Cribl Validated Architectures (CVAs) are opinionated reference architectures for deploying Cribl products in public cloud, on-prem, and hybrid environments.

Unlike the general Reference Architectures, which are descriptive and flexible, CVAs are highly prescriptive. They define standardized blueprints and mandate the use of specific best practices, guardrails, and operational requirements to ensure optimal reliability, performance, and maintainability across all environments.

Beginning with your needs and the baseline we define, the CVA framework is designed to move your organization beyond ad-hoc design choices. It serves as a central decision aid for selecting the right architectural pattern, offering a minimal, reproducible baseline that can be extended from a simple “vanilla” single-tenant deployment to multi-regional, multi-group, and highly available topologies.

The CVA Decision Sequence

​

The CVA methodology is designed to be approached in a specific sequence to map your requirements to the correct deployment pattern.

1. Start with your requirements: You must begin by defining your technical requirements, including expected throughput, data gravity (where your data sits), isolation boundaries, and operational Service Level Agreements (SLAs). For details, see Choosing an Architecture.

2. Select the topology baseline: Defines the architectural foundation (such as Leader placement and Worker Group composition). Review the Assumptions and Terminology and the Foundational Topology Blueprints and use the Topology Decision Tree to choose the fundamental structure that best matches your environment.
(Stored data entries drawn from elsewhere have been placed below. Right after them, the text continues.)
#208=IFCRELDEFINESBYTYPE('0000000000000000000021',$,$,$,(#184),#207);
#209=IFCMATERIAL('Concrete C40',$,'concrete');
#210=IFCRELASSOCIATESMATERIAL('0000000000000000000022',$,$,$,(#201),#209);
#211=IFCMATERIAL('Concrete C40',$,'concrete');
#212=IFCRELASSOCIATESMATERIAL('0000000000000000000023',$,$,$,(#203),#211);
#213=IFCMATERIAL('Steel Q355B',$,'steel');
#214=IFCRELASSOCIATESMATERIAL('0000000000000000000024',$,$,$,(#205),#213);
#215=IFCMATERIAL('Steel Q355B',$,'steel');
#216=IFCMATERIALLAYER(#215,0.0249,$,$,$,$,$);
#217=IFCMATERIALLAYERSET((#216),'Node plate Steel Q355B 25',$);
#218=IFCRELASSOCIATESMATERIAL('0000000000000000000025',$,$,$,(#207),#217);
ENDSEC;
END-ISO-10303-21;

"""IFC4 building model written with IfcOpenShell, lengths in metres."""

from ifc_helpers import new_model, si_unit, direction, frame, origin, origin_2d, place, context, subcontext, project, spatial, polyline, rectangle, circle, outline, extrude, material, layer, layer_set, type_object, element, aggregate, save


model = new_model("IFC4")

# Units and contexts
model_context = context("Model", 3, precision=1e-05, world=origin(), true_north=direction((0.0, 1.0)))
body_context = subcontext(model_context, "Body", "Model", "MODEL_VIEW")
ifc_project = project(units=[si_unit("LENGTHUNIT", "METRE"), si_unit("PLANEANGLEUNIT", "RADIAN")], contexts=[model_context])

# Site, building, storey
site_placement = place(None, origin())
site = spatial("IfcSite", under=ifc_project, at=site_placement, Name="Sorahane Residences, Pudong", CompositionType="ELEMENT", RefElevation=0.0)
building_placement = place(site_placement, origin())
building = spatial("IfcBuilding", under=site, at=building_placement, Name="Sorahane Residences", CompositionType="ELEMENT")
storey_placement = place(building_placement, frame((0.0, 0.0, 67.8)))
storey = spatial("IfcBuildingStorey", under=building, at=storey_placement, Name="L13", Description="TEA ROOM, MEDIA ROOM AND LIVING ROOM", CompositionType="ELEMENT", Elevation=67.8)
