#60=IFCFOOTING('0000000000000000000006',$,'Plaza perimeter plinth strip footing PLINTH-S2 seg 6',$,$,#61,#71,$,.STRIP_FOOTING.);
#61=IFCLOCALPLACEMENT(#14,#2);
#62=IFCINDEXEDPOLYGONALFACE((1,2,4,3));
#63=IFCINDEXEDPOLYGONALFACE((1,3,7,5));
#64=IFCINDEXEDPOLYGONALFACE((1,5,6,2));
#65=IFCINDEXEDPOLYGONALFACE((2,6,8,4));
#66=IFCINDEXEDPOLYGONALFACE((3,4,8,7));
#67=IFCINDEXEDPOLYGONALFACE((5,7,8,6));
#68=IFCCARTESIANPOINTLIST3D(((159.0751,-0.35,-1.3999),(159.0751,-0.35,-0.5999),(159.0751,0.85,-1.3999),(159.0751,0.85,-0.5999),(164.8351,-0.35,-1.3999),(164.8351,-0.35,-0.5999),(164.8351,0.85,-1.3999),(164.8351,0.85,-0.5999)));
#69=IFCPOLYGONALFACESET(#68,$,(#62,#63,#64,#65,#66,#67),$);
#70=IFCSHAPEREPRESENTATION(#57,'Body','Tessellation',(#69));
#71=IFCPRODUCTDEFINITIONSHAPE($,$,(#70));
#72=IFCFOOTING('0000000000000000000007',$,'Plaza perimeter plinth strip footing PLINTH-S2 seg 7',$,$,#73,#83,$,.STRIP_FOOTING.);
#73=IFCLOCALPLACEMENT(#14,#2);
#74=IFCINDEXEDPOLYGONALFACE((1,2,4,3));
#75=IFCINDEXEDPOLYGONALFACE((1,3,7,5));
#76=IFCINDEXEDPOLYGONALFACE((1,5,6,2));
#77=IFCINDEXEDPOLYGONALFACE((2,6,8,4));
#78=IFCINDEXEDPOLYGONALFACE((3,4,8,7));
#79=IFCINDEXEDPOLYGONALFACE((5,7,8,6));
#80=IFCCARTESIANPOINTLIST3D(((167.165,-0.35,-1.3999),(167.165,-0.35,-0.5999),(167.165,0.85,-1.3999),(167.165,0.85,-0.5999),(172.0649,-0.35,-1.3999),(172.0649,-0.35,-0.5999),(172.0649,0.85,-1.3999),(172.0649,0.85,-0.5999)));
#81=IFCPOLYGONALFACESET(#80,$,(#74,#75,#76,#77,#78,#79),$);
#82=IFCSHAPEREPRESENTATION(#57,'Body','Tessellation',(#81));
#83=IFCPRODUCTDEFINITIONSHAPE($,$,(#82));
3. Apply workload overlays (optional): Are layered on top of the baseline to meet specific non-functional requirements (such as adding Leader high availability (HA), enforcing mTLS, enabling persistent queues where needed). Review the Common Patterns (Overlays) to determine if your environment requires separation based on function or compliance.
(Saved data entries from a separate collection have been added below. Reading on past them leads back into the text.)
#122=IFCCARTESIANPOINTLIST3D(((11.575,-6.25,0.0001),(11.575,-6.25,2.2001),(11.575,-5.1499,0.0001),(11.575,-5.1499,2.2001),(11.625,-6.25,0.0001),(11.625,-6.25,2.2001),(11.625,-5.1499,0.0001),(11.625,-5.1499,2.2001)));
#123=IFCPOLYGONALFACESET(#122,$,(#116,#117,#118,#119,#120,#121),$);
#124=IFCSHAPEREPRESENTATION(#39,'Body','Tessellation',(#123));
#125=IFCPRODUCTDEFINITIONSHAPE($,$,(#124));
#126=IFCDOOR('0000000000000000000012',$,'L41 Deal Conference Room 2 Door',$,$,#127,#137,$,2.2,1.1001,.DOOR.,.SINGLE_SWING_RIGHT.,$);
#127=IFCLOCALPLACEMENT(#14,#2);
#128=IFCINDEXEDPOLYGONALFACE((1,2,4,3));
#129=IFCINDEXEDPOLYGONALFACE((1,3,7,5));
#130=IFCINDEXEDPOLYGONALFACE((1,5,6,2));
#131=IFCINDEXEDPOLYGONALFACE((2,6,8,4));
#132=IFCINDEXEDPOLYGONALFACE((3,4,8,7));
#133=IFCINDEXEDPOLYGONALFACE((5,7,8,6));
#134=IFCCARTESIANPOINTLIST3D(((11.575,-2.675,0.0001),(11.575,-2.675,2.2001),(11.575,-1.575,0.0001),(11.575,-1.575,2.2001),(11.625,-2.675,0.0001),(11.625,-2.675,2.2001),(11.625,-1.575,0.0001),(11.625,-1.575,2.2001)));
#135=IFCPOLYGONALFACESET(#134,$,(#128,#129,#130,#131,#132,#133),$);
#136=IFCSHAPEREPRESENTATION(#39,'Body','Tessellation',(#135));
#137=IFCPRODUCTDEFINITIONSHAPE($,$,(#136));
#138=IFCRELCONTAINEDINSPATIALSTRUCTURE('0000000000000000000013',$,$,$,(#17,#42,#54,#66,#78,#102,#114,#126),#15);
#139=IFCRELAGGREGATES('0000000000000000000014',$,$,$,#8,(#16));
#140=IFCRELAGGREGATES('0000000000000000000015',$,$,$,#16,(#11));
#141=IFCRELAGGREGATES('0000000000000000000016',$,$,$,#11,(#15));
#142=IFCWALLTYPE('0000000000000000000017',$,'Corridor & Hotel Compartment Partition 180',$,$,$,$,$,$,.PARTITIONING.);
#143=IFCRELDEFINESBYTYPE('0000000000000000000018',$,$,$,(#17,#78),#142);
4. Finalize via the CVA matrix: Now that you have a baseline and any necessary Overlays, you are ready to use the CVA Matrix and confirm the exact component CVA for your chosen baseline. First, review the Cribl Validated Architectures Matrix Overview to understand the relationships between topologies, overlays, and CVA. The CVA matrix evaluates patterns along critical dimensions, including:

   • Scale and Complexity: Typical event volume, number of Sources and Destinations, and overall topology complexity.
   • Leader Placement and High Availability (HA): Recommended deployment models for the Cribl Leader (Cribl.Cloud vs. on-prem) and strategies for redundancy and failover.
   • Worker Groups and Fleets: Strategies for partitioning and sizing Worker Groups and Fleets based on data movement patterns.

5. Implement Guardrails: Consult the subsequent CVA Operational Guardrails to implement the mandatory operational guardrails associated with your selected pattern (such as specific load balancer requirements and configuration management strategy).

This process enables you to identify the deployment archetype that fits your environment, workload size, and governance requirements.

In Scope

​

This CVA document set targets technical practitioners and covers:

• A selection of reference topologies for Cribl Stream and Cribl Edge.
• Guidance on when to use each pattern, including trade-offs and constraints.
• Roles and responsibility models across platform, security, and application teams.
• Data collection and delivery patterns (push, pull, Worker Group→Worker Group, Cribl Edge→Worker Group).
• Core design principles for Leaders, Workers, and Edge tiers.
• Recommended operational models for configuration management, monitoring, and incident response.

Out of Scope

​

This document set does not cover:

• Detailed capacity planning or Node-level sizing for specific workloads (events/sec, GB/day). Use the Cribl Stream/Edge sizing tools and workload tests in your lab environment instead.
• Vendor (or account-specific) service quotas, network limits, or granular cost modeling.